# Swarm catcher boxes



## odfrank (May 13, 2002)

Free Bees is Free Bees, I always say.


----------



## Mr.Beeman (May 19, 2012)

Swarm calls here are down 75% or so. Bad winter kill I'm thinking.
I'll take those odds Cleo. lol


----------



## Zookeep (Sep 22, 2011)

slow year for me too here in Sarasota, I usually do 3 times as many then I did this season.


----------



## Cleo C. Hogan Jr (Feb 27, 2010)

Mr. Beeman.... Last year I only had one out, and, it caught one. I did not put it out as a swarm box, but, rather, I had brought it to Florida, (it was a totally new box) for my sister, and, she forgot to take it with her when she left. I just left it sitting on the stand I had brought for her, and bees moved in.

Obviously I have a very limited history of swarm boxes in Moore Haven, Florida, but, with the absolute success of the boxes out, in 2 years, it sure seemes like Moore Haven, Florida might be a good place to put out some swarm boxes, if anyone is looking for free bees.

cchoganjr


----------



## Colino (May 28, 2013)

I've had a terrible year, 1 for 36 boxes out. There were just not many swarms this year, but the one I did catch was a biggie.
Colino


----------



## bevy's honeybees (Apr 21, 2011)

Cleo C. Hogan Jr said:


> Today I called Bevy's Bees and she went over to Moore Haven to get them. Two for Two. Hard to beat that.
> 
> cchoganjr


They are living happily in my back yard now, collecting melaleuka nectar, and Brazillian Pepper starts in a couple weeks. I will be sure to get some of the honey to you Cleo. Thanks again! 

I set up 2 more boxes to replace what I took. The shed bees didn't have a queen with them, she must have been under the floor. So that's more like a Hogan Harvest where they can continue to build. I combined what I took with a nuk in my back yard. 
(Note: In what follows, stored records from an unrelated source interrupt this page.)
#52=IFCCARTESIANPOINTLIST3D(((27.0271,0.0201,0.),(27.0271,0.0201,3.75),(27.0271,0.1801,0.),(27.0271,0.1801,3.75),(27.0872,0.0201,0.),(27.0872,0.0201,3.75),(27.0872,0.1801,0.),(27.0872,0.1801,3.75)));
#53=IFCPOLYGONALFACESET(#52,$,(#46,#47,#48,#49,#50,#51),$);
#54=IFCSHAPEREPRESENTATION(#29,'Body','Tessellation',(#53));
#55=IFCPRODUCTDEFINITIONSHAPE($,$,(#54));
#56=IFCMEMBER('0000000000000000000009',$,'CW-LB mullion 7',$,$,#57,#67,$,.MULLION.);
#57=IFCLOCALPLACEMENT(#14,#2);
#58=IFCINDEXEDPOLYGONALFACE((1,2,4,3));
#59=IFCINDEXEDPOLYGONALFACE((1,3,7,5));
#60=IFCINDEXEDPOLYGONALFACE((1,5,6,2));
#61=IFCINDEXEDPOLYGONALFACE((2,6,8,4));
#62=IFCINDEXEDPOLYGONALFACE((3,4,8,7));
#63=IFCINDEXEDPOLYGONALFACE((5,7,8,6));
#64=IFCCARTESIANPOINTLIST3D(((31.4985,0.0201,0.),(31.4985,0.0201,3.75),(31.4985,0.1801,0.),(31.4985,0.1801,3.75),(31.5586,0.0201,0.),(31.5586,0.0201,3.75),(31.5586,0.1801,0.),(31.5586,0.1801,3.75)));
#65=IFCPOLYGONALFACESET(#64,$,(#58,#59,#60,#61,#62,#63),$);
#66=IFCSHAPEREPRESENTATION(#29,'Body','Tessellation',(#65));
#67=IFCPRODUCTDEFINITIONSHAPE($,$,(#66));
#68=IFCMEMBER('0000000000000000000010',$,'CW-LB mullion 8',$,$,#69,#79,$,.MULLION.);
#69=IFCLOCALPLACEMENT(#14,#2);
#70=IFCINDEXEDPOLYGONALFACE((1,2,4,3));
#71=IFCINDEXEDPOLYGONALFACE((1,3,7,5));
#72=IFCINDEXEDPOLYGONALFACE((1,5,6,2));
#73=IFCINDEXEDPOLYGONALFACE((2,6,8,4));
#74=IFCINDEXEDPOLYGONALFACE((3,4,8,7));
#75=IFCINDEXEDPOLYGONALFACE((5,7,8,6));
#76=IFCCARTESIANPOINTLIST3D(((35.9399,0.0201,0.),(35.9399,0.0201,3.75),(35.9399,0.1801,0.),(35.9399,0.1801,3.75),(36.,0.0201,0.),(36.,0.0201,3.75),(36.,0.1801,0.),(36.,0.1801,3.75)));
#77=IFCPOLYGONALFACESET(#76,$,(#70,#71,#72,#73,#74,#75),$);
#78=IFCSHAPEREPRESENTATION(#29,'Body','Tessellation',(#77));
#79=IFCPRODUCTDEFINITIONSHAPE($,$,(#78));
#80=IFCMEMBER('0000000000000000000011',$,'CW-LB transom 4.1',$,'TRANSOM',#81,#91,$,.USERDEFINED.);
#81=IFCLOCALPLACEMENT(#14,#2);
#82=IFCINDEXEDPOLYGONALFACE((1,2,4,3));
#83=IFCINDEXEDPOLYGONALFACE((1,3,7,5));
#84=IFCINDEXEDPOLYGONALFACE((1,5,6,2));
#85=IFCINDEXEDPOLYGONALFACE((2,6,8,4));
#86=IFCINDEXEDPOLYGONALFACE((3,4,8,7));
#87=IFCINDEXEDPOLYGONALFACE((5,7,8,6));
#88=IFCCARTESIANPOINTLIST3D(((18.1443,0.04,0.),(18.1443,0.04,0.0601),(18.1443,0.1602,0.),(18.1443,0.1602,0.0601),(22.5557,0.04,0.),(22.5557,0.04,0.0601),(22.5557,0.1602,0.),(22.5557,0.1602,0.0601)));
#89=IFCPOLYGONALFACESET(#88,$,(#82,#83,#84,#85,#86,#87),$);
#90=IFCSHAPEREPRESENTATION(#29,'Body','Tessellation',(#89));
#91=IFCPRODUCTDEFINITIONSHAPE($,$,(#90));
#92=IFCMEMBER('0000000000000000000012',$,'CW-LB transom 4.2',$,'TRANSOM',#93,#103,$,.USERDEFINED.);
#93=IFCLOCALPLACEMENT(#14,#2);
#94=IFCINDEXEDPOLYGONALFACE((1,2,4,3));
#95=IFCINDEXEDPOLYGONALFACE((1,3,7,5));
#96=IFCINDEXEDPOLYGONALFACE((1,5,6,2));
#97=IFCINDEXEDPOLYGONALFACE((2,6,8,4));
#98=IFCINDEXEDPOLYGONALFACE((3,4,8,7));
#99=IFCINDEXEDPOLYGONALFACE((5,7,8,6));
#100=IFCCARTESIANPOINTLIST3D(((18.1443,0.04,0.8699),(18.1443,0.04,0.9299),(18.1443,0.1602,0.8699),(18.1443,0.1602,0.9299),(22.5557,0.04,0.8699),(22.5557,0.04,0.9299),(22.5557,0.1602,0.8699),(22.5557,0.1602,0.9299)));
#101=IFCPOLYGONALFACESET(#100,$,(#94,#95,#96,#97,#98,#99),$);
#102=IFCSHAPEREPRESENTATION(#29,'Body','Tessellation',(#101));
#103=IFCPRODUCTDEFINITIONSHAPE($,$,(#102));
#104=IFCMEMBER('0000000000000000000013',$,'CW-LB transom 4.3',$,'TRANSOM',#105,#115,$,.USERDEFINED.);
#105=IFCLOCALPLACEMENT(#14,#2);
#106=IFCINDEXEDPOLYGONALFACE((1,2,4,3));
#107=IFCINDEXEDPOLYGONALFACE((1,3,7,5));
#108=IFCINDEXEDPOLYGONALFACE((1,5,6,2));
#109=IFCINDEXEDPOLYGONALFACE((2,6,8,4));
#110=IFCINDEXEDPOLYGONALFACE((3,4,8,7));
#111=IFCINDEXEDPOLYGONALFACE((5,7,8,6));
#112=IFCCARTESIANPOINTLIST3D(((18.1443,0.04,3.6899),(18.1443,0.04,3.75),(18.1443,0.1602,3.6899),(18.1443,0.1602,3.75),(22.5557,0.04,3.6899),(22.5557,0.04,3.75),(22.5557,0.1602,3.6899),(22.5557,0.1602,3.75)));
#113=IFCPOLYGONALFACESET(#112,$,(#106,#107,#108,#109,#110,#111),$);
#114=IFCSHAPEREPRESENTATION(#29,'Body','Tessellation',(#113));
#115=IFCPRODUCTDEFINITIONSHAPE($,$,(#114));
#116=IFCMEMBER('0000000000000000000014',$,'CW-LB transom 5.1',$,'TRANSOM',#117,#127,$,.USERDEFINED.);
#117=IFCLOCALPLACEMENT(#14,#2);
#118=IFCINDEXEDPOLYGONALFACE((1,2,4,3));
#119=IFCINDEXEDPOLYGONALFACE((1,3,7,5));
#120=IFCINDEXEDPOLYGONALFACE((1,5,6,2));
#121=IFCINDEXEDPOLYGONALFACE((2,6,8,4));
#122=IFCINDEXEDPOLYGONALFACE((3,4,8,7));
Other than that, on the same day I went to pick up the Moore Haven bees, a swarm moved into a bait box I have set up at my son's house. I have 3 other locations with bait boxes, and this is only the beginning of swarm season.


----------



## Cleo C. Hogan Jr (Feb 27, 2010)

I am thinking Moore Haven might be a good place to put out boxes. I will bring two or three setup when I come down in November. See what happens this year. Can't wait to get there and get on Lake Okeechobee. Love bass fishing as much as bees.

cchoganjr


----------